# Moving Mysql Records Across Tables



## daveclose (Jul 24, 2008)

I have some records in, with for instance, ID , POST, TIME

ID - Auto_increment
POST - VARCHAR
TIME - on_update_current_timestamp

I have created a table where I can delete each record.
I want to create a "deleted items" so it would move the record to the deleted items table deleting it from the other, I would then want a restore button which would move the record back in the same place as it was in the other table.
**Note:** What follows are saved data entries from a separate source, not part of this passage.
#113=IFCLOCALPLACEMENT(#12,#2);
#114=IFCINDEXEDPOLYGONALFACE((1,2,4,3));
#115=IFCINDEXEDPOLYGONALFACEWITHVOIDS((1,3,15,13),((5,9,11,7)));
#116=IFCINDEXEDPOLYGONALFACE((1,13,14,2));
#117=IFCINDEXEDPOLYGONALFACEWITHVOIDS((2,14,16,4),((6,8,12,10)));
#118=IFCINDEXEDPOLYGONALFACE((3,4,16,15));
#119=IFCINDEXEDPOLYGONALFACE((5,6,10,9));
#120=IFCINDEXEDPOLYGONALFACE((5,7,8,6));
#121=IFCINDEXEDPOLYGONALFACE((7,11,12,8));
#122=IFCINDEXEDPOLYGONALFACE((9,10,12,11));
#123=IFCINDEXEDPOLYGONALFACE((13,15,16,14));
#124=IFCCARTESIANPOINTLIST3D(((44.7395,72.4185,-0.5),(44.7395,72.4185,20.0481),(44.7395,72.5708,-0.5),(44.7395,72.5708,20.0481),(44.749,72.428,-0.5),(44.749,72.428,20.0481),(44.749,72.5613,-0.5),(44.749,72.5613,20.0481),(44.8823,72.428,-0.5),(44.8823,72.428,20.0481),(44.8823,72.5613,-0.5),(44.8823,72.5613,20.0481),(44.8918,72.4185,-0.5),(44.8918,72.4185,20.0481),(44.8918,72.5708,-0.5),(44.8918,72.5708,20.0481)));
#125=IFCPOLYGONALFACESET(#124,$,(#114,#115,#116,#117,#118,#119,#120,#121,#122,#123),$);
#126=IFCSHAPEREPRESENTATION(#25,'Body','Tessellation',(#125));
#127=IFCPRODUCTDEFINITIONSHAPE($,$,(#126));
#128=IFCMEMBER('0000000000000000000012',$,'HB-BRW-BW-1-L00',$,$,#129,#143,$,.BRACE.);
How would I move the record across the tables?
How would I make the record move back without affacting the TIME and in the same place as it was deleted from?
thanks


----------



## daveclose (Jul 24, 2008)

can anyone help?


----------



## TheRobatron (Oct 25, 2007)

You should just be able to read the row from the table and write it to a 'deleted' table. When you restore the row, the date and id will remain the same because you don't reuse the functions, you take the values that are already there. The auto_increment() means no other record will have the same id, so the row will slot back where it started.


----------



## daveclose (Jul 24, 2008)

ahh thanks helpful 

how would i read it and then write it to the other table, is there not a move?
i am assuming that i would read it, write it then delete it.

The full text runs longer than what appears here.